Fig. 1 is a cross-sectional view of a main part of an example of a conventional prestressed concrete tank support structure, Fig. 2 is a cross-sectional view of a main part of another conventional example, and Fig. 3 is a main part of yet another conventional example. 4 is a vertical sectional view of the main part of the support structure of a prestressed concrete tank according to an embodiment of the present invention, FIG. 5 is a 1/4 bottom view of the side wall of FIG. 4, and FIG. FIG. 4 is a detailed explanatory diagram of the details of FIG. 4; 11...Side wall 12...Bottom plate 13.14-...

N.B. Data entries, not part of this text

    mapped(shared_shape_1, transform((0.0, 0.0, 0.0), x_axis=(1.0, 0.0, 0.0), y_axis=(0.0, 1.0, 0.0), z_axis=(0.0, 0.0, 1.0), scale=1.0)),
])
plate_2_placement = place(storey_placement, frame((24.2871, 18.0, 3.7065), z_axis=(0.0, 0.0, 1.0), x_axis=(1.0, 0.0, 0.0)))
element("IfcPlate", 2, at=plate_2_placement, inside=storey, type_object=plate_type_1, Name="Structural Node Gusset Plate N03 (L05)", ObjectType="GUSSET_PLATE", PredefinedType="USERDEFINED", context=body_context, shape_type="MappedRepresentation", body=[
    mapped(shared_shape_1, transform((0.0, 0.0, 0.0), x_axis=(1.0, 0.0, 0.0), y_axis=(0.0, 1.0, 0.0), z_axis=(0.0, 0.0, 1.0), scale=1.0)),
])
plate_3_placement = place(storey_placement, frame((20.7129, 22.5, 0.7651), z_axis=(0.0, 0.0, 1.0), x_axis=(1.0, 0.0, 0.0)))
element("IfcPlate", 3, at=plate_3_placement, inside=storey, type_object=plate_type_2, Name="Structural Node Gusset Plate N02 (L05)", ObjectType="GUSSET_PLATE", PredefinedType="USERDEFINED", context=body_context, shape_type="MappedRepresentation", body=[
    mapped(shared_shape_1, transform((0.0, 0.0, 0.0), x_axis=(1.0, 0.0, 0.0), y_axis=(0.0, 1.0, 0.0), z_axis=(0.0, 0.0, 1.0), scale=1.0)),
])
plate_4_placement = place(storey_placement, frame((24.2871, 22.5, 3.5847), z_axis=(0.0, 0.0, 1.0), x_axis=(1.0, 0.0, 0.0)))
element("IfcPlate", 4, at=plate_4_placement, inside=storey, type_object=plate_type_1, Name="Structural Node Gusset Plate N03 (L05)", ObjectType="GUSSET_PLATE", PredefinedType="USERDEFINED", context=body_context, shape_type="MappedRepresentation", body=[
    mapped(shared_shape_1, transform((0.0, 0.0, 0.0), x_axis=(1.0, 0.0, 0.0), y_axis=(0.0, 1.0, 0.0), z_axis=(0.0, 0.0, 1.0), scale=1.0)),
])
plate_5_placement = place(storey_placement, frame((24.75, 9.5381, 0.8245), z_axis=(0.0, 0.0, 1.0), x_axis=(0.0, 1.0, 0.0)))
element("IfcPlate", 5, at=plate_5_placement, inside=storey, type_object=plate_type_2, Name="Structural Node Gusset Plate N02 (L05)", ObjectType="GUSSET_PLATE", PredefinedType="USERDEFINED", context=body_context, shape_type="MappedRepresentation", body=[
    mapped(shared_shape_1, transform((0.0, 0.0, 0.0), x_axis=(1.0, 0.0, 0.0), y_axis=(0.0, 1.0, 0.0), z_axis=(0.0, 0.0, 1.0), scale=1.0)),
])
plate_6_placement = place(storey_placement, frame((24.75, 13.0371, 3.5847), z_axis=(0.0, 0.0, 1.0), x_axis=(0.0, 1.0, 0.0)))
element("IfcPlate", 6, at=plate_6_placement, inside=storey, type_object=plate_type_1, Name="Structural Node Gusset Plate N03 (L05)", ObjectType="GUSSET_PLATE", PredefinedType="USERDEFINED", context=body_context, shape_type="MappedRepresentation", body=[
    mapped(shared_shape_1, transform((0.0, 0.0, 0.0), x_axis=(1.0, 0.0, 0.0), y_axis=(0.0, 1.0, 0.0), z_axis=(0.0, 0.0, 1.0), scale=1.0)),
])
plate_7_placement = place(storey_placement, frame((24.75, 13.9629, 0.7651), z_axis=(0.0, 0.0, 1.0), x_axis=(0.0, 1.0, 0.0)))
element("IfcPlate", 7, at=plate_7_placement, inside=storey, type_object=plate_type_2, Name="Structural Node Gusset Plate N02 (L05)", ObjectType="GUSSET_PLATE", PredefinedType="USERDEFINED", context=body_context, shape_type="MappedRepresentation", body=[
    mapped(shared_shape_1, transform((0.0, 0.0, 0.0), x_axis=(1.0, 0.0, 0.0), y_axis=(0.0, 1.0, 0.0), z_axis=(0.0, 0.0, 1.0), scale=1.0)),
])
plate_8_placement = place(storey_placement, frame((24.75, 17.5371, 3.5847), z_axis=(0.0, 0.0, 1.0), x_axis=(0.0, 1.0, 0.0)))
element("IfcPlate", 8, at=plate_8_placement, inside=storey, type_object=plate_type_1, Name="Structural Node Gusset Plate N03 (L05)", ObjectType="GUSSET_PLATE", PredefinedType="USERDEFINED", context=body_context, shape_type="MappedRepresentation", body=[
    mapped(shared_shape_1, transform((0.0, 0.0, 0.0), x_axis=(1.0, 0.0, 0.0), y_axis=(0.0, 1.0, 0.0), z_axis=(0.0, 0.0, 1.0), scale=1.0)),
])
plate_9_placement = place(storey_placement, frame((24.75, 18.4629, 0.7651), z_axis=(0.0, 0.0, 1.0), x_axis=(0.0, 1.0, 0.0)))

- Sliding shoe 15... Upper sheath pipe 16... Lower sheath pipe 17... Steel rod 21... Long hole patent applicant Mitsui Construction Co., Ltd. Procedural amendment February 2, 1980 Commissioner of the Patent Office Wakasugi Mr. Kazuo 1, Indication of case study, Patent Application No. 180976-1982 2,
Title of the invention: Prestressed concrete tank support structure 3; Relationship with the amended case Patent applicant: No. 1011, 3-chome, Iwamoto-cho, Chiyoda-ku, Tokyo March
Construction Representative Director and President Town Co., Ltd. 1) Noji 4, agent Kimuraya Otsuka Building 6, 18119 Shin 11-chome, Minato-ku, Tokyo
Floor 7, Contents of Amendment 1, the scope of patent claims will be amended as shown in the attached sheet. 2. In the specification, page 5, line 9, “tetrafluoride resin, etc.” is replaced with “
At least the surface is made of tetrafluorinated resin, etc.” 8. List of Attached Documents 1 Amended Claims 1 or more Claims A substantially cylindrical side wall constituting a tank made of prestressed concrete 1, and the side wall is placed separately from the side wall. A supporting bottom plate, and a sliding sheet whose at least the surface is made of a friction-reducing material, which is fixed to at least one of the mounting surface of the bottom plate and the lower end surface of the side wall, and which enables relative movement between the side wall and the bottom plate.

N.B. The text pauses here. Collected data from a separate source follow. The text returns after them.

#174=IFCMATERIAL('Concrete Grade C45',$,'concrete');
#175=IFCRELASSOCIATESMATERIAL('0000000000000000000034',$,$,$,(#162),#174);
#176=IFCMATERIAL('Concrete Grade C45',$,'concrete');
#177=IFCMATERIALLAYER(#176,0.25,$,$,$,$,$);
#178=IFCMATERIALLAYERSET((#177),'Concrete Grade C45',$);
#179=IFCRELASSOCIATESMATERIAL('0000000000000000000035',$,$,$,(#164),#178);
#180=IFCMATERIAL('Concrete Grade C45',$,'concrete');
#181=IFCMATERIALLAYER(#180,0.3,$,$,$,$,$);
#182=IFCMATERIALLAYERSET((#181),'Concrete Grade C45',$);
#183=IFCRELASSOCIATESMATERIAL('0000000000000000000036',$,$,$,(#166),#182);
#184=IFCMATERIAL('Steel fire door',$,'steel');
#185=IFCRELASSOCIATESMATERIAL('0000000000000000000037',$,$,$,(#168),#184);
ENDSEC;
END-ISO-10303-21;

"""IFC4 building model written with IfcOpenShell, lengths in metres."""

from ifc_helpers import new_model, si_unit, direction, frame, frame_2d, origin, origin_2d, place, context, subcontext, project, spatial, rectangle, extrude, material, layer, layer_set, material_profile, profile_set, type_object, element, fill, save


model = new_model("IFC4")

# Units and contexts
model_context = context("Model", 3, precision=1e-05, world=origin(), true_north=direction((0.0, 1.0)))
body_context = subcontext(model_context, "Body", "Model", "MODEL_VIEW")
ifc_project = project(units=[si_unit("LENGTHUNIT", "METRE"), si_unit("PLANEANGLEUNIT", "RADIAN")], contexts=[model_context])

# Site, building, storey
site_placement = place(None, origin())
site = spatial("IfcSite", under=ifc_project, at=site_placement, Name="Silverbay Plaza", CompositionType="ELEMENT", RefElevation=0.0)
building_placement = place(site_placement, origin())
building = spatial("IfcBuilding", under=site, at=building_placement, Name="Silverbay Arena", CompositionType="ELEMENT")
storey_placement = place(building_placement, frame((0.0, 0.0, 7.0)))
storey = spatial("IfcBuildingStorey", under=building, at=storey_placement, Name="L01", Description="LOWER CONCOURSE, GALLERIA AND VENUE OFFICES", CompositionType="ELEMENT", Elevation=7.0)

A plurality of upper sheath tubes buried in the lower end of the side wall, a plurality of lower sheath tubes buried in the bottom plate at positions corresponding to the upper sheath tubes, and each of the corresponding upper and lower sheath tubes. and a steel rod that is provided astride the upper sheath tube, and has a portion that protrudes upward from the upper sheath tube embedded and fixed in the side wall, and a portion that projects downward from the lower sheath tube that is embedded and fixed in the bottom plate. The upper and lower sheath tubes each have an elongated hole whose cross-sectional shape extends in the radial direction of the side wall so that the steel rod can be moved relative only in the radial direction of the side wall. □Support structure of prestressed concrete tank.

Claims (1)

[Claims] A substantially cylindrical side wall constituting a prestressed concrete tank; a bottom plate that is placed and supports the side wall separately from the side wall; , a sliding shoe made of a friction-reducing material that enables relative movement between the side wall and the bottom plate, a plurality of upper sheath tubes embedded in the lower end of the side wall, and a sliding shoe attached to the bottom plate at a position corresponding to the upper sheath tube. The part is provided to straddle the plurality of buried lower sheath pipes and the insides of the corresponding upper and lower sheath pipes, and a portion protruding upward from the upper sheath pipe is buried and fixed in the side wall, and the lower part A portion of the sheath tube protruding downward includes a steel rod embedded and fixed in the bottom plate, and each of the upper and lower sheath tubes has a cross section such that the steel rod is moved only in the radial direction of the side wall. A support structure for a tank made of prestressed concrete, characterized in that the shape has elongated holes extending in the radial direction of the side walls.